Favorite Christmas songs and hymns

| 17 Comments

What are your favorite Christmas songs and hymns? For myself, I still love hearing "O Holy Night." "Tomorrow Shall Be My Dancing Day" is a lovely and blissfully non-ubiquitous song. Corelli's Christmas Concerto in G minor is probably my favorite piece of Christmas chamber music (I wrote about it last year.) I don't have a favorite hymn, but "Adeste Fideles" gets my blood moving.

As a public service, I would like to issue my annual reminder that the Hallelujah Chorus is for Easter, not the Nativity of Our Lord and Savior.

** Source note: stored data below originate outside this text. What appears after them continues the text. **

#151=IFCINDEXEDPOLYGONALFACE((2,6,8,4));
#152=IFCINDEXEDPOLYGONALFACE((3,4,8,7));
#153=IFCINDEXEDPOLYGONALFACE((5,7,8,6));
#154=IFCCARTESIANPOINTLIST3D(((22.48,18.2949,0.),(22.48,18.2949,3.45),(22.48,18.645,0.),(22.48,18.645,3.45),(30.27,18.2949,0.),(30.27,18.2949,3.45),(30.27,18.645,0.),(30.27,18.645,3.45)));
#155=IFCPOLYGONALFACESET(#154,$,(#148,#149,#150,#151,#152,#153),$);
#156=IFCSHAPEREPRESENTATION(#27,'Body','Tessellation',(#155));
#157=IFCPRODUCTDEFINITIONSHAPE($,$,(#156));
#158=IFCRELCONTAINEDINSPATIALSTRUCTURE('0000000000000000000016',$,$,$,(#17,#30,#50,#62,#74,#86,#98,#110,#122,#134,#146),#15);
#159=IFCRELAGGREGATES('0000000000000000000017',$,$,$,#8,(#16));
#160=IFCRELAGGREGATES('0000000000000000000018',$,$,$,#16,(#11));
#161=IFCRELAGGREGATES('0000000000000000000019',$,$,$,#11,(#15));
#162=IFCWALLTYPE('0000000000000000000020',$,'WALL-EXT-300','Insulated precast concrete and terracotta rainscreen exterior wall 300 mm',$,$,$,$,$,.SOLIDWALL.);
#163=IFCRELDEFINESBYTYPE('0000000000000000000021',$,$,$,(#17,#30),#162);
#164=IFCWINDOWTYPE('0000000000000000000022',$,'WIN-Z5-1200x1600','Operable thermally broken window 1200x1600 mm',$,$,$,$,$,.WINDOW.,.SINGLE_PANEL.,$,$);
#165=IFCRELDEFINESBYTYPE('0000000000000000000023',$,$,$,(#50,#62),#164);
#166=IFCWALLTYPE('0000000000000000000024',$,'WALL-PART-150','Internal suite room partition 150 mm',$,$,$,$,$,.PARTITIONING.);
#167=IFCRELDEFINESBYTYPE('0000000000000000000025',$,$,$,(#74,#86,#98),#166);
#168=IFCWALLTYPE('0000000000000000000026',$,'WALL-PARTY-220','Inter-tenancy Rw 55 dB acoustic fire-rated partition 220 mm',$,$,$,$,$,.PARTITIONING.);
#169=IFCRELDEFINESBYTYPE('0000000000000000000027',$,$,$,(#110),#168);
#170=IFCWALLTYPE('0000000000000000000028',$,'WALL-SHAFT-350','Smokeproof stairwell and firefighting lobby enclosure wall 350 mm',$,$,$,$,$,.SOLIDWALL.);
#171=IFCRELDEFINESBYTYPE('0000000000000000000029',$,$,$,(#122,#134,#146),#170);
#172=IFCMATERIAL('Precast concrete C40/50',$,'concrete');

Yesterday, we sang the "Battle Hymn of the Republic" as the recessional hymn. Only in "Gather," it's listed as "Mine Eyes Have Seen the Glory." Wouldn't want to use the common title! So bellicose!

I could live with the name change, but I can't take the politically correct bowdlerization of the hymn's words themselves.

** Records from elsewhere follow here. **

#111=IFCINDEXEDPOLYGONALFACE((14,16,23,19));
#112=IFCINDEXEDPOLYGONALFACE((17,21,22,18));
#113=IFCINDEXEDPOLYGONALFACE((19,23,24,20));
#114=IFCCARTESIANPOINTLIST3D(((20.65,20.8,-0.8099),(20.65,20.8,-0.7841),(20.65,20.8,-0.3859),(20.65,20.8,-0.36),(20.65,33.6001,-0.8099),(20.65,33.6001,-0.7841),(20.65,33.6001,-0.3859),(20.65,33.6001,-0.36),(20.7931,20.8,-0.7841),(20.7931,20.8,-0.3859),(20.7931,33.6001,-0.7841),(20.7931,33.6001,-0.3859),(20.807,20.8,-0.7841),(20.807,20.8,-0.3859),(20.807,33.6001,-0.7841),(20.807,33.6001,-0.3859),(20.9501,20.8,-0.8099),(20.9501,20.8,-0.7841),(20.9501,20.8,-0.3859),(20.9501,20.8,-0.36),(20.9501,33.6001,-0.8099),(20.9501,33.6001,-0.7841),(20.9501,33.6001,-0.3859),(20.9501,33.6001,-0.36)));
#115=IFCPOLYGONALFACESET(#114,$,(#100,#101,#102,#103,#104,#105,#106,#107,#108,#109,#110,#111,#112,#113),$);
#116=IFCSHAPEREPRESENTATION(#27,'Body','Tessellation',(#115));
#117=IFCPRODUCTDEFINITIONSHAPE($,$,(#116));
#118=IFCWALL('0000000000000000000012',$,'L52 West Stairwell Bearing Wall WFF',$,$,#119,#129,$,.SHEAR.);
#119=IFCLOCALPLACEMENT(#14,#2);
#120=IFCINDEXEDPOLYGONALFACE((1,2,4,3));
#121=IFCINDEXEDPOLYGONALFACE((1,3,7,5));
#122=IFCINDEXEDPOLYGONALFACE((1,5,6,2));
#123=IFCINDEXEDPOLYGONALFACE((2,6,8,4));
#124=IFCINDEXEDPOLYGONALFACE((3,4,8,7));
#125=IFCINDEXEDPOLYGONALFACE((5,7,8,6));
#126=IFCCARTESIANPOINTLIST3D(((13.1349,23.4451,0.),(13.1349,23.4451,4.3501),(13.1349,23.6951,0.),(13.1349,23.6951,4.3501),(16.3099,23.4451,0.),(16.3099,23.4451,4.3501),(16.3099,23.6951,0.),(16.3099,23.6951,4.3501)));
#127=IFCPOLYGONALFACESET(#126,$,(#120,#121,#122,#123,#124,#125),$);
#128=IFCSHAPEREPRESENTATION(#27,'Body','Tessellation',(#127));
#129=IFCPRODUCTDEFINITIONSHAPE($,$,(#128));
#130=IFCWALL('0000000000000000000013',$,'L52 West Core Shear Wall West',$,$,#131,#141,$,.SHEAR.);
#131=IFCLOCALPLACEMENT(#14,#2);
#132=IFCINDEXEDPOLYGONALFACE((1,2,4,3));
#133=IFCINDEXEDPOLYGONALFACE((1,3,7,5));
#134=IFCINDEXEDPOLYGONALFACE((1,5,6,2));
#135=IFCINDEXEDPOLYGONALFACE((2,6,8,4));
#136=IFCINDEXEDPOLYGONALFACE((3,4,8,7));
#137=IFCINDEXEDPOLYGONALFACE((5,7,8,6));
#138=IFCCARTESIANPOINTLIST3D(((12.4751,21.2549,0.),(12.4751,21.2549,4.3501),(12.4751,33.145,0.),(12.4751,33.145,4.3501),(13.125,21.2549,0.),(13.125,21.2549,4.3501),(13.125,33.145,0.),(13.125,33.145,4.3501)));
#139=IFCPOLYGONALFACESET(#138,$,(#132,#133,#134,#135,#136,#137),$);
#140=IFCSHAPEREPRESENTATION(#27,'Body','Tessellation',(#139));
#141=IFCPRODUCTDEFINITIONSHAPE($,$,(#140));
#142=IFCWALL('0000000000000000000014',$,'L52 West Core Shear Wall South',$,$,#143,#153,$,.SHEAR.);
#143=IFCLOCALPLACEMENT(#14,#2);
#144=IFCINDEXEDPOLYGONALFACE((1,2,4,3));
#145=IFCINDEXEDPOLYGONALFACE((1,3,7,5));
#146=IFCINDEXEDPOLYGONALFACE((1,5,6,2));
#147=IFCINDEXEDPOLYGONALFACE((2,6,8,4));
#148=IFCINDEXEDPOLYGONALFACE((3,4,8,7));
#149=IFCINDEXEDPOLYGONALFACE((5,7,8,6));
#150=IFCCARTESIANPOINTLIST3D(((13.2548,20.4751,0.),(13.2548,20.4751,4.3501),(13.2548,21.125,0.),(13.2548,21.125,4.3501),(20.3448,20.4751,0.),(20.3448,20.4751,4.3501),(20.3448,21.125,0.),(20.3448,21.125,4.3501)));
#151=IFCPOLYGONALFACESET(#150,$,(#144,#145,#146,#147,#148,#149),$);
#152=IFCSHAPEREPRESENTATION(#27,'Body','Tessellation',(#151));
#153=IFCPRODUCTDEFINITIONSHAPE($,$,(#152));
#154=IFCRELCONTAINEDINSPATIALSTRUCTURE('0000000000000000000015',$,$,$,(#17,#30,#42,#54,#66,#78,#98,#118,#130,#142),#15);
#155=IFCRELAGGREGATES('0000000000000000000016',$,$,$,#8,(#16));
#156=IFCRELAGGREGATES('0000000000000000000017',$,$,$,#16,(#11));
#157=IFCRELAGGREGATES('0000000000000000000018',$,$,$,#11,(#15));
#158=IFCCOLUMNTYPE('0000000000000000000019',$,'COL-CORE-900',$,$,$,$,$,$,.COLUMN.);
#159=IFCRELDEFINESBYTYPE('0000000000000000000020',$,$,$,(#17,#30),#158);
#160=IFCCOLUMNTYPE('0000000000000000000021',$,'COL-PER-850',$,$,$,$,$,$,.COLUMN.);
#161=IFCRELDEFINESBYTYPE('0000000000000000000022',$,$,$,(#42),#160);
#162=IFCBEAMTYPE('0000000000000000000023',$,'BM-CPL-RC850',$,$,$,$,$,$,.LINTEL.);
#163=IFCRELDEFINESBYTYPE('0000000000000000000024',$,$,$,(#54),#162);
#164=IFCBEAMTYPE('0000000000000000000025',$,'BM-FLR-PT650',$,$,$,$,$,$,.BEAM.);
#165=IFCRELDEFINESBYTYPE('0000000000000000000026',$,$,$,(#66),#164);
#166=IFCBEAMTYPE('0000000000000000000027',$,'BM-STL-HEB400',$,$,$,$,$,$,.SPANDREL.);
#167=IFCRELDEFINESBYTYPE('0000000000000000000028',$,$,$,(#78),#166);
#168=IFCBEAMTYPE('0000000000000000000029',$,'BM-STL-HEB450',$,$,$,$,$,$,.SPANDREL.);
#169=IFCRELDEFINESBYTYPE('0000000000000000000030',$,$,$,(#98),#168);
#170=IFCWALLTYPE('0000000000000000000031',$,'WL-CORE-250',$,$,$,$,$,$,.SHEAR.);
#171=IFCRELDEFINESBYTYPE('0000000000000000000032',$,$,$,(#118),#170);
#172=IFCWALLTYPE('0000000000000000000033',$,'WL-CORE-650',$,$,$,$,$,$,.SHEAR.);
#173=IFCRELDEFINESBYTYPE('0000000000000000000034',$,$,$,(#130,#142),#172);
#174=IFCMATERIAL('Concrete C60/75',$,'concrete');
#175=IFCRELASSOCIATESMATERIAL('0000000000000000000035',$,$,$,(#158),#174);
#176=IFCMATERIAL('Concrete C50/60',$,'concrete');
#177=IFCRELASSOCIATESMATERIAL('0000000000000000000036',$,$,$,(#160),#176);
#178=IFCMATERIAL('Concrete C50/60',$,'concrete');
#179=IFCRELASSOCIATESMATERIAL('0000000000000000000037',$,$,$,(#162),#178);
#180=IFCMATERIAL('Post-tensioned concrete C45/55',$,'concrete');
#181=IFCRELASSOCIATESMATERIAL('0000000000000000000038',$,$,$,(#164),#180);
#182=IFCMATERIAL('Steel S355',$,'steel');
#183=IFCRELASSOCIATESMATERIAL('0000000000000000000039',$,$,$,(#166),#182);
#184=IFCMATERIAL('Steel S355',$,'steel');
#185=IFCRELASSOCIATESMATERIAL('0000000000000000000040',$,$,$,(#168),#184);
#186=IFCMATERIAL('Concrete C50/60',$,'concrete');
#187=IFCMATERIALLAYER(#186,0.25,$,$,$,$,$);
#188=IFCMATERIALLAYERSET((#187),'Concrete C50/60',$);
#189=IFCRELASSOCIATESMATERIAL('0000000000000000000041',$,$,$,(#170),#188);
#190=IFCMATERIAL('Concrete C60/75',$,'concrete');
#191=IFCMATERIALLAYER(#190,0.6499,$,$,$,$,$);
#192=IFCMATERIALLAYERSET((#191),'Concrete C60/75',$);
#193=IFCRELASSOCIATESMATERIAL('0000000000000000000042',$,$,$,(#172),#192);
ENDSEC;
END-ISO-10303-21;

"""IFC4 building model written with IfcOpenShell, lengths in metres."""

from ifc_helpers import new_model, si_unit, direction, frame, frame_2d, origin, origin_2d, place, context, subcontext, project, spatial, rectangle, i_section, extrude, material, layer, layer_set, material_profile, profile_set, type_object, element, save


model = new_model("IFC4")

Verse 3: "He is sifting out the hearts of men before His judgement seat"
becomes
"He is sifting out all human hearts...."

Verse 4: "As he died to make men holy, let us die to make men free"
becomes
"As he died to make all holy, let us die that all be free."

Which, I suppose, is a little better than "let us live to make all free," which is another variation I've seen. Who dares to do such things? Probably the same people who lecture us about the integrity of "art" and the "artist." Unless the artist is dead, and the art in question's copyright has expired.

Somebody made these changes so that "men" is not used as a generic plural noun for male and female human beings. The rationale is that women are oppressed when such a thing gets printed in a hymnal.

The reason this is stupid -- and I apologize if you think "stupid" is name-calling, but the adjective is perfect -- the words of the hymn were written by Julia Ward Howe. As the name implies, she was a woman!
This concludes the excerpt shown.